So, rather than getting $1 back for every $2 spent, states would get $9 back for every $10 spent. (This is a simplified version of a complex formula. The Kaiser Family Foundation in 2013 issued a report with all of the details.)

So, only in a very narrow sense does the money “go away.” The match declines a bit, and certainly Congress could change its mind, but at the moment this looks like a better deal than the current system.

So, in other words, Rubio is basically right that the government takes away matching funds, he just wasn’t clear enough on how much of the matching funds go away. And he’s absolutely right that states are then “stuck with the unfunded liability.” Additionally, what does it matter that Kessler says this “looks like a better deal than the current system”? The claim is that the government lures states by initially matching their costs and then reduces those matching funds, leaving states on the hook for the rest.
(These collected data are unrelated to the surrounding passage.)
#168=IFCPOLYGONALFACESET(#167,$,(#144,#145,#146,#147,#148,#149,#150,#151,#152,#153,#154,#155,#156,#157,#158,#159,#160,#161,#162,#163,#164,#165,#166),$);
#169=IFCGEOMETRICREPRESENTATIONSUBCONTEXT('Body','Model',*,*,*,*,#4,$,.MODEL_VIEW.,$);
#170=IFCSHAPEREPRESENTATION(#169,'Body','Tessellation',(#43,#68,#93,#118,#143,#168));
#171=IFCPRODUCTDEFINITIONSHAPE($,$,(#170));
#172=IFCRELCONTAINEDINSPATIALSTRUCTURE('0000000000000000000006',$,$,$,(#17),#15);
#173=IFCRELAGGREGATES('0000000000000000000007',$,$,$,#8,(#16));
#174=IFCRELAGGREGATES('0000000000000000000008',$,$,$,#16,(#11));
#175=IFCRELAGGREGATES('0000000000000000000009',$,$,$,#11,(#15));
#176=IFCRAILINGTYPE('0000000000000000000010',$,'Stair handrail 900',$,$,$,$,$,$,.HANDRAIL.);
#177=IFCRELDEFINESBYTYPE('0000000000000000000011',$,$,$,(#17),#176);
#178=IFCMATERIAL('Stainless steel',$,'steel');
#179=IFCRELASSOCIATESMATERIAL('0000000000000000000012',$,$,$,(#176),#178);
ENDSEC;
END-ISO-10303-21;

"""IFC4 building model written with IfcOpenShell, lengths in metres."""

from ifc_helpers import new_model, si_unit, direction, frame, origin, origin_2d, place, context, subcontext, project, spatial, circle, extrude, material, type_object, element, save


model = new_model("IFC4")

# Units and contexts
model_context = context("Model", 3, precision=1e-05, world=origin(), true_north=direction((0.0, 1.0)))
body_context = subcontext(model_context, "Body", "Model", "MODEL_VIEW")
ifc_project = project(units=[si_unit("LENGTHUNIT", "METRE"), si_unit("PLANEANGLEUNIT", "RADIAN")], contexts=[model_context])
Here’s what Rubio didn’t say: “then the money will go away but you get stuck with the unfunded liability–and I bet if you ask Glenn Kessler, he would say that this isn’t a better deal than the current situation.” Kessler’s opinion of the deal is unambiguously irrelevant. So this has devolved from a supposed “fact check” into What Glenn Kessler Would Say To Marco Rubio If He Had Been The Host Of Face The Nation Instead Of A Post Columnist.

But there’s more:

Michael Tanner of the Cato Institute, an Obamacare critic, has argued that the federal match is “too good to be true.” He believes that publicity about the law will bring people out of the “woodwork” who had been previously eligible but had never signed up for the law. Those people would not be covered under the 90-10 match but the older 50-50 formula, thus increasing costs for states.

So what does Kessler’s unsuccessful attempt to spin the Medicaid expansion have in common with the Times report from the cocoon? They both help explain the utter lack of credibility that ObamaCare’s defenders have in the post-rollout discussion. Conservatives were once dismissed as racists or cranks for their warnings about ObamaCare, but they’ve been right.

The Times frets that conservatives might introduce an argument they’ve long been making. The only difference is that the Times now considers it a legitimate and even pressing argument. Kessler waves away Rubio’s concern that the Democrats will change ObamaCare rules on the fly. But that is the story of ObamaCare thus far. Still, one can understand Kessler’s irritation: the credibility is now with ObamaCare’s critics–and what’s a “fact checker” without his credibility?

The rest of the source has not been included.